Archive for abril, 2011

Si yo estoy bien, tú estás bien

Parece título para un libro de superación personal, pero es una verdad sin discusión en casa: si nosotros estamos bien, nuestra pequeña hija también. Y eso vale no sólo para lo básico de los libros contables (comida, alimento, vestuario,…), sino -y sobre todo- para lo emocional. He dicho en otras ocasiones que un niño sólo necesita a sus papás. Ahora añado que sería bueno que tuviera unos papás amorosos, contentos, tranquilos, pacientes, relajados. La suma, sin duda, da un niño amoroso, contento, tranquilo, paciente -puede que no de inmediato, pero seguramente en un término más corto que el de un chiquitín con un papá estresado. No es que sea fácil, pero si lo tenemos en mente es muy probable que empecemos a experimentarlo.

Imagen tomada de El rincón favorito de mi escuela.

Y añado que es un tema comprobado en situaciones extremas, como 12 horas de viaje en coche (grgr), la espera en medio de un calor sofocante (o de un frío espacial y temporal poco amigable, como el de la sala de espera de unas urgencias pedriátricas), bla, bla, bla. Podría pensarse incluso que desde la perspectiva de los padres el binomio sería contrario (así como aquello de que “el orden de los factores no altera el resultado”: si tú estás bien, yo estoy bien), pero esa es una verdad a medias porque creo que el adulto de la fórmula es el que está en capacidad emocional de guiar sus emociones y lograr encontrar un equilibrio en ellas. ¿Si le dejamos esa tarea a los chiquitos, sin un modelo fiable, creen que “naturalmente” lo logrará? Lo dudo.

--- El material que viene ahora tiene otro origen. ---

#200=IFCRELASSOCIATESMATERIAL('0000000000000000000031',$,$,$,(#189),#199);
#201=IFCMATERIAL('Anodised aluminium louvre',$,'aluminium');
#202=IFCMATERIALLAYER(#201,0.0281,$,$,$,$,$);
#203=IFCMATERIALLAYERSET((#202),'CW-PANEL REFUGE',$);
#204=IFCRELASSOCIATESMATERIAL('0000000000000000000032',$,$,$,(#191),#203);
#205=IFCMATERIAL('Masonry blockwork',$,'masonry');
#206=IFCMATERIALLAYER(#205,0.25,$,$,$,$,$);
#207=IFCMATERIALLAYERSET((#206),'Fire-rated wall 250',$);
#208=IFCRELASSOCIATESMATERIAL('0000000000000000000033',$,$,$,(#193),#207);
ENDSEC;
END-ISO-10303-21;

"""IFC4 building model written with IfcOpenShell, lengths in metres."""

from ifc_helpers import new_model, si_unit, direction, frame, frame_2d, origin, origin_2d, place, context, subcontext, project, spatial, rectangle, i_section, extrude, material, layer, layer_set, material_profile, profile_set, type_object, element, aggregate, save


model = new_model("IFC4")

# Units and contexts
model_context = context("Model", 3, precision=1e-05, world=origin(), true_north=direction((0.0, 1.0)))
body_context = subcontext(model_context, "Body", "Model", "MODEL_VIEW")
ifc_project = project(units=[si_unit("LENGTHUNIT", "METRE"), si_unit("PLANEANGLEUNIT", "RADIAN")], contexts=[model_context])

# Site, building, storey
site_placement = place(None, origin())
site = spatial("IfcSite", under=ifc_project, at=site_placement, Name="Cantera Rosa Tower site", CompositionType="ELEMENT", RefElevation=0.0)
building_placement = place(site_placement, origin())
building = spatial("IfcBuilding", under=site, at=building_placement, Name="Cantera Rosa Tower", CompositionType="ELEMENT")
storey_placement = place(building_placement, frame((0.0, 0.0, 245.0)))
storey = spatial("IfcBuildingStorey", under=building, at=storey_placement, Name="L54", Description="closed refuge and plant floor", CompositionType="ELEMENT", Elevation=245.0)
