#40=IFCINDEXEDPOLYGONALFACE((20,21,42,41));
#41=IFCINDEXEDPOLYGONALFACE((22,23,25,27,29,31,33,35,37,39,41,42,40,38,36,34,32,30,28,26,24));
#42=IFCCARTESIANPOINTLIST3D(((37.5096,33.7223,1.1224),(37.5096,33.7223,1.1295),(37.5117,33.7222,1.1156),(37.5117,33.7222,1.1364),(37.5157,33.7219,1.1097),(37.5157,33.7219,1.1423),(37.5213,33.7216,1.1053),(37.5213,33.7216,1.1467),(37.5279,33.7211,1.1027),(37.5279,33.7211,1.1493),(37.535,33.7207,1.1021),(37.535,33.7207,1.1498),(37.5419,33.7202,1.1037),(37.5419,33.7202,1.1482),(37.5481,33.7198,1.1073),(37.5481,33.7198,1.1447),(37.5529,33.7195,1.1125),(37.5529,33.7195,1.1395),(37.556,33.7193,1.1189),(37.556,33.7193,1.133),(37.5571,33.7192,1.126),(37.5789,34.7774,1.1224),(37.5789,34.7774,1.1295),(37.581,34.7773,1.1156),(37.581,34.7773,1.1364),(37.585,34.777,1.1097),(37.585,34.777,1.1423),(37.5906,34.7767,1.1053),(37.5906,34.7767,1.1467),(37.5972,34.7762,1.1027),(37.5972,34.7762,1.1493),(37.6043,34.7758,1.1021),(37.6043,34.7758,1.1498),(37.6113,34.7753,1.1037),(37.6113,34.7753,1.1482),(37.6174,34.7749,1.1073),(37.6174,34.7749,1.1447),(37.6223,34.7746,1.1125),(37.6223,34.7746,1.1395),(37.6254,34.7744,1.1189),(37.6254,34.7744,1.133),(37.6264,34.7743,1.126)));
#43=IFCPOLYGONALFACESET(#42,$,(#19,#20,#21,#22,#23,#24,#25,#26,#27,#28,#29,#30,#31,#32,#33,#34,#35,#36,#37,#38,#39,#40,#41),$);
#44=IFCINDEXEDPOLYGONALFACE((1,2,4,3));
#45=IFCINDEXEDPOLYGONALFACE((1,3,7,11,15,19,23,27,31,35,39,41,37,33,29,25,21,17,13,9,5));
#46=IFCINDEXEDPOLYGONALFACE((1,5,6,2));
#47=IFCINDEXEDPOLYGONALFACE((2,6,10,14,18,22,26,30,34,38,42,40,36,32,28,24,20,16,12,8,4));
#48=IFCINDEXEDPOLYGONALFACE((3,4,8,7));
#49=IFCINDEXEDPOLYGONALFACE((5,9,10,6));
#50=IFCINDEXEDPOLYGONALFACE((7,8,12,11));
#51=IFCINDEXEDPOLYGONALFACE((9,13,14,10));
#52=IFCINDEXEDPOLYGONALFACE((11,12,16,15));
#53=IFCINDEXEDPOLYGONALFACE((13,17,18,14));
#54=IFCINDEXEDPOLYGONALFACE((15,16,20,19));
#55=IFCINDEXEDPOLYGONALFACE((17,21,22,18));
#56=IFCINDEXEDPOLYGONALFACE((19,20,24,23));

Así que sin alargar historias concluyo una verdad de perogrullo en casa: si nos permitimos disfrutar feliz y amorosamente de y con Irene (con paciencia, comprensión, felicidad, tranquilidad, amor –inserte aquí todas las emociones que considere que le ayuden a mantener su bienestar-), Irene disfrutará feliz y amorosamente de y con nosotros. “Si yo estoy bien, tú estás bien”.

Sé que suena más simple de lo que es en la realidad, pero los resultados valen el esfuerzo. (A fin de cuentas, no es gratuito eso de que digan que padres e hijos están conectados, ¿verdad?)

😉

[Por cierto, dejo una entrada de Armando, de Bebés y más, a la que llegué por azar buscando una imagen para esta entrada. Habla de la empatía que existe naturalmente entre un hijo y sus papás. ¿Casualidad?]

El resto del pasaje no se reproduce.